You are paying an “8GB Tax” on your expensive infrastructure just to host the Intern. In a world where VRAM is consistently the scarcest and most expensive resource in the data center, is this tax actually worth paying?
Absolutely.
Look back at the physics problem. Memory bandwidth is the bottleneck during generation, not compute capacity. The compute units (the SMs and Tensor Cores) on that H100 are sitting idle most of the time.
Speculative Decoding effectively takes those idle compute cycles and puts them to work verifying the draft batch. You are actively trading “Spare Compute” and a “Small amount of Extra VRAM” to solve your “Memory Bandwidth” latency problem.

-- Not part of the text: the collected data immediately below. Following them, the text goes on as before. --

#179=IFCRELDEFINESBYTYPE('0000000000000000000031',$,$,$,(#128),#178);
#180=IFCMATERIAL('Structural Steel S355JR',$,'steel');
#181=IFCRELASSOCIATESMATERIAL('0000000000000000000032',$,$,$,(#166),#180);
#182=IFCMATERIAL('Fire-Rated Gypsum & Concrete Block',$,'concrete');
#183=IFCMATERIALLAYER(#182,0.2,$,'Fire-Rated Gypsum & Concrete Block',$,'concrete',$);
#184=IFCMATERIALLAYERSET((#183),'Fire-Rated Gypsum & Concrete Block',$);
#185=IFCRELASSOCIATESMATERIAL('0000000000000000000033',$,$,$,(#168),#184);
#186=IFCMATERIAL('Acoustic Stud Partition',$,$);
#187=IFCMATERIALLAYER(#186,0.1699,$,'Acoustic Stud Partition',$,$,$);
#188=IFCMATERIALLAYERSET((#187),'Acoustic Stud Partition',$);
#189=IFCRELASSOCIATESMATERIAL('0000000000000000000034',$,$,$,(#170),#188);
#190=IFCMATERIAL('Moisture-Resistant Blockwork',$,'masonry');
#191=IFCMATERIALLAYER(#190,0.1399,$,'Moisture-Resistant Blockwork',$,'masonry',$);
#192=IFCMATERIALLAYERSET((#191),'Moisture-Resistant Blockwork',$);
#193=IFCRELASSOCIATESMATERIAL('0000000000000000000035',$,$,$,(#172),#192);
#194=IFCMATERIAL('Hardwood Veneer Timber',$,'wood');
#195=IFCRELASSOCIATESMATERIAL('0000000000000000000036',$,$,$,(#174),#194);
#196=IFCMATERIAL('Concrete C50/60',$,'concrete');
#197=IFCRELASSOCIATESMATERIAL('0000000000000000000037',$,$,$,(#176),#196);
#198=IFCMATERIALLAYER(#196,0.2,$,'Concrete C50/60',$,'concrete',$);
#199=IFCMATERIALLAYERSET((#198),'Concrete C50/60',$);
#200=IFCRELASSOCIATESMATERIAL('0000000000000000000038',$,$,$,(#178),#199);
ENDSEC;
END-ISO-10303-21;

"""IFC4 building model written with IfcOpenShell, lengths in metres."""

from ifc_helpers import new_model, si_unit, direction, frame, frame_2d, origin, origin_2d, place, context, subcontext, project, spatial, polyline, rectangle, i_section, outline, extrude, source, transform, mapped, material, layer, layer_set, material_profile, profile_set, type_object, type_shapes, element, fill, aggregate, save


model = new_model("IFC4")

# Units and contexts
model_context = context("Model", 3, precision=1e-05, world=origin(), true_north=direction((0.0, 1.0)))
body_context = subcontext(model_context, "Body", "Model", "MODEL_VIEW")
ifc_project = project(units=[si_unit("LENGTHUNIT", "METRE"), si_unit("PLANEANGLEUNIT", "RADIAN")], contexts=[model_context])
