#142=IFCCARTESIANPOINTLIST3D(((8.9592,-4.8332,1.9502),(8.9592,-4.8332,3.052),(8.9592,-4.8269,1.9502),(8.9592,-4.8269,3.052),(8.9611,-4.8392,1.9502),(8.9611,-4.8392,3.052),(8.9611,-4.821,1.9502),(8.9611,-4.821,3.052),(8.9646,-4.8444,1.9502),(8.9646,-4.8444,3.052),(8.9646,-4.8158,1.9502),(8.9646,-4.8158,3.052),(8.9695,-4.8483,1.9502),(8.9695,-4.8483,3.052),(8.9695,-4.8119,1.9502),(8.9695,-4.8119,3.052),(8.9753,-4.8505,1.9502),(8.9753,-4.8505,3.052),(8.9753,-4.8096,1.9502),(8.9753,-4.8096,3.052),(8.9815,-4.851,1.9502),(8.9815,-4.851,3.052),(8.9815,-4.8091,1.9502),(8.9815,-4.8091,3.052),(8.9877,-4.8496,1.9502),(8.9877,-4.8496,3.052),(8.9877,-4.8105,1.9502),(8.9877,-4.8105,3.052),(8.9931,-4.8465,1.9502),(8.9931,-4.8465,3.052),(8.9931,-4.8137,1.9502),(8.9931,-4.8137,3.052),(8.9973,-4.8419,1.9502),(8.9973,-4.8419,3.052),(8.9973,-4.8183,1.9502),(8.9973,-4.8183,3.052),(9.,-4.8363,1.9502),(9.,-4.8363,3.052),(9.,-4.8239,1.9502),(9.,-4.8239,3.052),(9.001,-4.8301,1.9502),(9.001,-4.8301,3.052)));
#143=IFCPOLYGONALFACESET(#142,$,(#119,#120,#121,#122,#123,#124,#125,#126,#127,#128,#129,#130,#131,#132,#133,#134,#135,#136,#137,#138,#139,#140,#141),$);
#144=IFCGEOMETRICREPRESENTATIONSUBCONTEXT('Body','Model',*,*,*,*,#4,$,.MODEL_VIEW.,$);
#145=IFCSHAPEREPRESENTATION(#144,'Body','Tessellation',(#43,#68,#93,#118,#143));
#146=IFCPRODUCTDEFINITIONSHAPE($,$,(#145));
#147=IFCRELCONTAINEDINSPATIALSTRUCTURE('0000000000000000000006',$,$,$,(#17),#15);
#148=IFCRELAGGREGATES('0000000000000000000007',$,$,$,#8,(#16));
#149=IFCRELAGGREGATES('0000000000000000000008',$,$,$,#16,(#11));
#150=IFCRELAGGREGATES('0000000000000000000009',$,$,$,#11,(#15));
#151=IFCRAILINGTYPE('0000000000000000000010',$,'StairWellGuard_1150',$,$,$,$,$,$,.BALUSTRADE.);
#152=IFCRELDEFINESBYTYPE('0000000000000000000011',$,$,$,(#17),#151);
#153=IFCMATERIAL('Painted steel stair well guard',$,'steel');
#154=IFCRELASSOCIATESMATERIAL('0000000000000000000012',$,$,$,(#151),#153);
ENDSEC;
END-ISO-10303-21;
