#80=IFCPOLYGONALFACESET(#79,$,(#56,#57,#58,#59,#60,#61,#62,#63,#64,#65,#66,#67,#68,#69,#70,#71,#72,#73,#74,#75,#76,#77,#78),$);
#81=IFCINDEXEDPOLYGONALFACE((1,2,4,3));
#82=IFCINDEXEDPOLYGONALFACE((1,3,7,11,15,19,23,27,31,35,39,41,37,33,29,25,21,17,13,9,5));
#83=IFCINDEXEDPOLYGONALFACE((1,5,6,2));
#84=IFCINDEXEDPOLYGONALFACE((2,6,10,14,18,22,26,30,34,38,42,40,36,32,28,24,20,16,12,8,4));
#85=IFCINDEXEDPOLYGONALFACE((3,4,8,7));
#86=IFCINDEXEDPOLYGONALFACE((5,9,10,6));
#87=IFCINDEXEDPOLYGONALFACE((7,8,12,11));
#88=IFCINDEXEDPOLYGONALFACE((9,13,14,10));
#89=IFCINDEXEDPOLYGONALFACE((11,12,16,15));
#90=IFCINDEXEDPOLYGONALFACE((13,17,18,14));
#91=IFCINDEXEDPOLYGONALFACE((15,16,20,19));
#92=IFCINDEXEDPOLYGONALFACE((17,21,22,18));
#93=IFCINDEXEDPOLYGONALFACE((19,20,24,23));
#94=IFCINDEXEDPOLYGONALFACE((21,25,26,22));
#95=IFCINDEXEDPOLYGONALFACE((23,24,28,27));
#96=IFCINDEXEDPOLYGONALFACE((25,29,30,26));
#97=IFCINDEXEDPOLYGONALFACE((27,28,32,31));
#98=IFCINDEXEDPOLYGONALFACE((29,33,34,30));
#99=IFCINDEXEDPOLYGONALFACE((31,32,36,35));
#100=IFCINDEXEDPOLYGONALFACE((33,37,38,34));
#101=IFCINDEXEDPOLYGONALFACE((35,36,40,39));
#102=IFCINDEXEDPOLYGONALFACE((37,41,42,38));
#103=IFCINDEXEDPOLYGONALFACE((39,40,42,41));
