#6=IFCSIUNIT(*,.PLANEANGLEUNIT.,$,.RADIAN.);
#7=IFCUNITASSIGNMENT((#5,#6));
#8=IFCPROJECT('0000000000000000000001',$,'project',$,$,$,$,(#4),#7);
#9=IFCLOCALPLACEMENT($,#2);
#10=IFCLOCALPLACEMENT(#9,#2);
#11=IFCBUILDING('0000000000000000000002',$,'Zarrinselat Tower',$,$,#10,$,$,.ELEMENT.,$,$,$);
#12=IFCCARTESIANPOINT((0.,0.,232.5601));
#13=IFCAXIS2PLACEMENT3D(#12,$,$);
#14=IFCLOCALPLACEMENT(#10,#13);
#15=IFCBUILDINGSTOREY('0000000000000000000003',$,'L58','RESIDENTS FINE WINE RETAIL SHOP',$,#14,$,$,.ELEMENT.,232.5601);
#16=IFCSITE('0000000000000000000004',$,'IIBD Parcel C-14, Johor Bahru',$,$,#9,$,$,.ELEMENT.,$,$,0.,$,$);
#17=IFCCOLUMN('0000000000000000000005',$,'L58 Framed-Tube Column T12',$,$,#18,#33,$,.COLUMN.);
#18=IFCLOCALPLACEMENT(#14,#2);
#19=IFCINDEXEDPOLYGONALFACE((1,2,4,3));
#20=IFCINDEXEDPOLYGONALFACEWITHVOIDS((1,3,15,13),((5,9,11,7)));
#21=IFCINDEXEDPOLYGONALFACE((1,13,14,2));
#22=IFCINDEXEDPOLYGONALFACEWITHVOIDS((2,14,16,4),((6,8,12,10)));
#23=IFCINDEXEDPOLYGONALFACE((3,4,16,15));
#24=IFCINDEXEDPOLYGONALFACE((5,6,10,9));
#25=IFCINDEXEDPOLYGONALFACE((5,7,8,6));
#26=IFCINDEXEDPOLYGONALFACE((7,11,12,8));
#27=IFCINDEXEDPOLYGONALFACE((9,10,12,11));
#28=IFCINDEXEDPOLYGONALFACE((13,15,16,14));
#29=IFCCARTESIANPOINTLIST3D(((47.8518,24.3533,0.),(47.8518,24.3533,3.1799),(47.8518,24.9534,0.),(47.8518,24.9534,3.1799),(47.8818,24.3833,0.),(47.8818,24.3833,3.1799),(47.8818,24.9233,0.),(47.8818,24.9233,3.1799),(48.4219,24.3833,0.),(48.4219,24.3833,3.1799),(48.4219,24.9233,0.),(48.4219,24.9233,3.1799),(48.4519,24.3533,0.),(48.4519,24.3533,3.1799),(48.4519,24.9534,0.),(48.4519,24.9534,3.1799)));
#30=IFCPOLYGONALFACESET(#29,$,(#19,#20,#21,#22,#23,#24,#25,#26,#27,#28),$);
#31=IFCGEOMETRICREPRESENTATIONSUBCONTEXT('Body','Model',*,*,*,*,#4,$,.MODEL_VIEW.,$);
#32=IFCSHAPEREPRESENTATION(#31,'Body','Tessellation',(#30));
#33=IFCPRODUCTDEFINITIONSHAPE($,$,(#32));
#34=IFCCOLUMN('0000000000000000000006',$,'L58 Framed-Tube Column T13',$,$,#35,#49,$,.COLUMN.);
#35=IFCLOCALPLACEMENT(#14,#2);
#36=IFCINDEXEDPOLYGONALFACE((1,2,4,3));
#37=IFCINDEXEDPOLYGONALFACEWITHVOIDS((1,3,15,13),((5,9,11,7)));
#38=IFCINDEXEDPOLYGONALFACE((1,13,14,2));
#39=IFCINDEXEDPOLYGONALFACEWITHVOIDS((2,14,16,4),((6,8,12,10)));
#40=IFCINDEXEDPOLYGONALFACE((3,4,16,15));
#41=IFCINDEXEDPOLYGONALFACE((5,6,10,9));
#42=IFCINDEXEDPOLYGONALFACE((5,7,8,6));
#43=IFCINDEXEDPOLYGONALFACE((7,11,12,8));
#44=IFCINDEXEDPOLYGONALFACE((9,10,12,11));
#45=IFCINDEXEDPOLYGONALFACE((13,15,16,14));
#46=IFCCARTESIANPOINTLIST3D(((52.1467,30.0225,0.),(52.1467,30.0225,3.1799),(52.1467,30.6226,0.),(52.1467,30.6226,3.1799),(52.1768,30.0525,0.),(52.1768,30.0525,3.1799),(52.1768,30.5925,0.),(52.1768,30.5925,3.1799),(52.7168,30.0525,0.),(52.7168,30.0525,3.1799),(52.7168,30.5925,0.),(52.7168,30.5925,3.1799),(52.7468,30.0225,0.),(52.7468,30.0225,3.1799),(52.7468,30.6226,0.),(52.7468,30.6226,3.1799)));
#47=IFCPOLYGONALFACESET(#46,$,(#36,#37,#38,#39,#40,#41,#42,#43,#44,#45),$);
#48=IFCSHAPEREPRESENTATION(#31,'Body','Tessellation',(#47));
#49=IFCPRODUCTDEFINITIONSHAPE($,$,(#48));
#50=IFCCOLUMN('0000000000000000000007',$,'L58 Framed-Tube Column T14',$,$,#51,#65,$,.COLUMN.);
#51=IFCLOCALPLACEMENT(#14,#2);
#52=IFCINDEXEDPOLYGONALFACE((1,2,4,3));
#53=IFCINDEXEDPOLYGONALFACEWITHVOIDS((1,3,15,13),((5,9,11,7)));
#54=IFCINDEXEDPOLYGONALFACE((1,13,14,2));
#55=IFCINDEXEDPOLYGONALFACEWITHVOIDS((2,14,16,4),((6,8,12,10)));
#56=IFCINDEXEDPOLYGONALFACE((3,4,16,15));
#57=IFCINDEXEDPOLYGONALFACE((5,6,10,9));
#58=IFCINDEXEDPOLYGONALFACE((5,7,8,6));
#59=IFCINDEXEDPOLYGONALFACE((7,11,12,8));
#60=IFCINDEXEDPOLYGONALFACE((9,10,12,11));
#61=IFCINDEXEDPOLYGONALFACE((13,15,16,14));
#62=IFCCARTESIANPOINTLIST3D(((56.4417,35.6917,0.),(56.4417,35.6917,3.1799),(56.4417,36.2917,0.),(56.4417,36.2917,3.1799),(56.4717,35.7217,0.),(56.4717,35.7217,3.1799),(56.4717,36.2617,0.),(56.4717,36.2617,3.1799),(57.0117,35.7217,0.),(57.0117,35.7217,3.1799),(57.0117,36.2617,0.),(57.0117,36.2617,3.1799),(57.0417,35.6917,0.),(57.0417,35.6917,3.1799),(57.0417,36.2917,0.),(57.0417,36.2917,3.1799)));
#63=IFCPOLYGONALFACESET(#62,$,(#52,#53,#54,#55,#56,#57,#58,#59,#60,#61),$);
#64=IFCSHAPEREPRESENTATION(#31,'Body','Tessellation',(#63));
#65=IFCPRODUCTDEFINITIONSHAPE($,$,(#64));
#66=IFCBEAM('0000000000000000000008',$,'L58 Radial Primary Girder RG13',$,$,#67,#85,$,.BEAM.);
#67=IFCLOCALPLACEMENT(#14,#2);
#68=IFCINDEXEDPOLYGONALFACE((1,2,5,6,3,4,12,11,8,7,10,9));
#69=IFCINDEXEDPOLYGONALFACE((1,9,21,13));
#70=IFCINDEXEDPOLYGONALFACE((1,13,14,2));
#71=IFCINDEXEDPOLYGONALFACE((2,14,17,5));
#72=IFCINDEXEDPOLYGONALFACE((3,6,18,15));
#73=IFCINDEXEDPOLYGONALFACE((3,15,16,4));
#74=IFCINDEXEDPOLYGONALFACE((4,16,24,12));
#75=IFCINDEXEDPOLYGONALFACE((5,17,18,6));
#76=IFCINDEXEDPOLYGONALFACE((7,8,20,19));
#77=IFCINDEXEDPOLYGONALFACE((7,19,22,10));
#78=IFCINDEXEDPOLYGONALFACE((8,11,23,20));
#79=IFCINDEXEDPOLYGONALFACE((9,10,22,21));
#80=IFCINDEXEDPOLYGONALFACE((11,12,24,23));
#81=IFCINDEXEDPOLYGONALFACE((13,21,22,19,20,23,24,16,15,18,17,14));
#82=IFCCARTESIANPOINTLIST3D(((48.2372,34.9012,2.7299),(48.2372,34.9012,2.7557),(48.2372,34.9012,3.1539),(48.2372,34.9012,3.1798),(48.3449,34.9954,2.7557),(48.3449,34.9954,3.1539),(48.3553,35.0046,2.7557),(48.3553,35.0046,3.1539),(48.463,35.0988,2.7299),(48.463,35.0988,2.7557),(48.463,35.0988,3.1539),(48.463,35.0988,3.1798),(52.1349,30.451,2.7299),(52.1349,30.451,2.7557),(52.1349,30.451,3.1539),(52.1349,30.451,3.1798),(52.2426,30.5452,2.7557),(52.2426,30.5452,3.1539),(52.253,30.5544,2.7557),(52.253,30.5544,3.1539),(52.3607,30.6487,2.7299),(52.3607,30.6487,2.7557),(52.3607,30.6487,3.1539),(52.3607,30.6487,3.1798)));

In almost every user-facing application, reducing Time-to-First-Token and Inter-Token-Latency is worth far more than the 8GB of VRAM you sacrificed.
The Evolution: Medusa, Eagles, and Beyond
The industry is moving so fast that holding two entirely separate models in memory is already starting to look like old-school thinking.
The requirement to match tokenizers between the Draft and Target models is incredibly painful. If the 8B model uses a slightly different vocabulary than the 70B model, mapping the token IDs back and forth during the verification phase destroys your latency gains.
The cutting-edge solution is to stop using a separate model entirely.
Architectures like Medusa solve this by adding extra “heads” directly to the main Target model itself. Instead of the model predicting just the next token [t+1], the Medusa heads are trained to predict [t+1, t+2, t+3] simultaneously. It is as if the model is stuttering ahead of itself, drafting its own future tokens using a lightweight internal mechanism, and then verifying them using its own primary attention layers.
Similarly, the Eagle architecture uses a very lightweight drafted layer that sits directly on top of the frozen LLM embeddings of the target model.
The goal for all of these approaches remains exactly the same: Prevent the HBM memory bus from being the bottleneck that ruins your user experience.
Designing Infrastructure for Speculation
If you are an infrastructure architect or a DevOps engineer building an inference stack today, you cannot ignore Speculative Decoding. It must be factored into your cluster design.
Here is the practitioner’s checklist for implementing this in production:
- Co-locate your models carefully: If you are using the two-model approach, you cannot have the Draft model sitting on GPU 0 and the Target model sitting on GPU 1 if your interconnect is slow. The latency of moving the draft tokens across a standard PCIe bus will eat all your gains. You must map these models across GPUs connected by high-speed NVLink.
- Use Vertex AI Model Garden: If managing the topology of draft vs. target models mapping to physical hardware sounds exhausting, rely on managed services. Google Cloud’s Vertex AI Model Garden is rapidly adopting these exact serving optimizations under the hood for their managed endpoints. Let Google’s engineers worry about the NVLink topology; you just focus on the API integration.
- Obsess Over the Acceptance Rate: The most critical metric to monitor in a speculative setup is the Acceptance Rate. If your Draft model is too dumb (perhaps you used a 1B model to draft for an 80B model), the Target model will reject almost every guess. When this happens, you waste compute time guessing, you waste compute time verifying, and you still have to generate the token from scratch. You end up slower than if you hadn’t used speculation at all.
- Domain Fine-Tuning the Drafter: If your application is highly specialized-for example, generating Python code or parsing legal contracts-a generic 8B model will have a terrible acceptance rate. You will likely need to Parameter-Efficient Fine-Tune (PEFT) your Draft model on your specific domain data so that its guesses align much closer to what the Target model expects.
Speculative Decoding is the closest thing we have found to magic in modern AI infrastructure. It is a brilliant software optimization that sidesteps fundamental hardware limitations. It’s a gamble where you control the deck, and if you play your cards right, you cut your latency in half.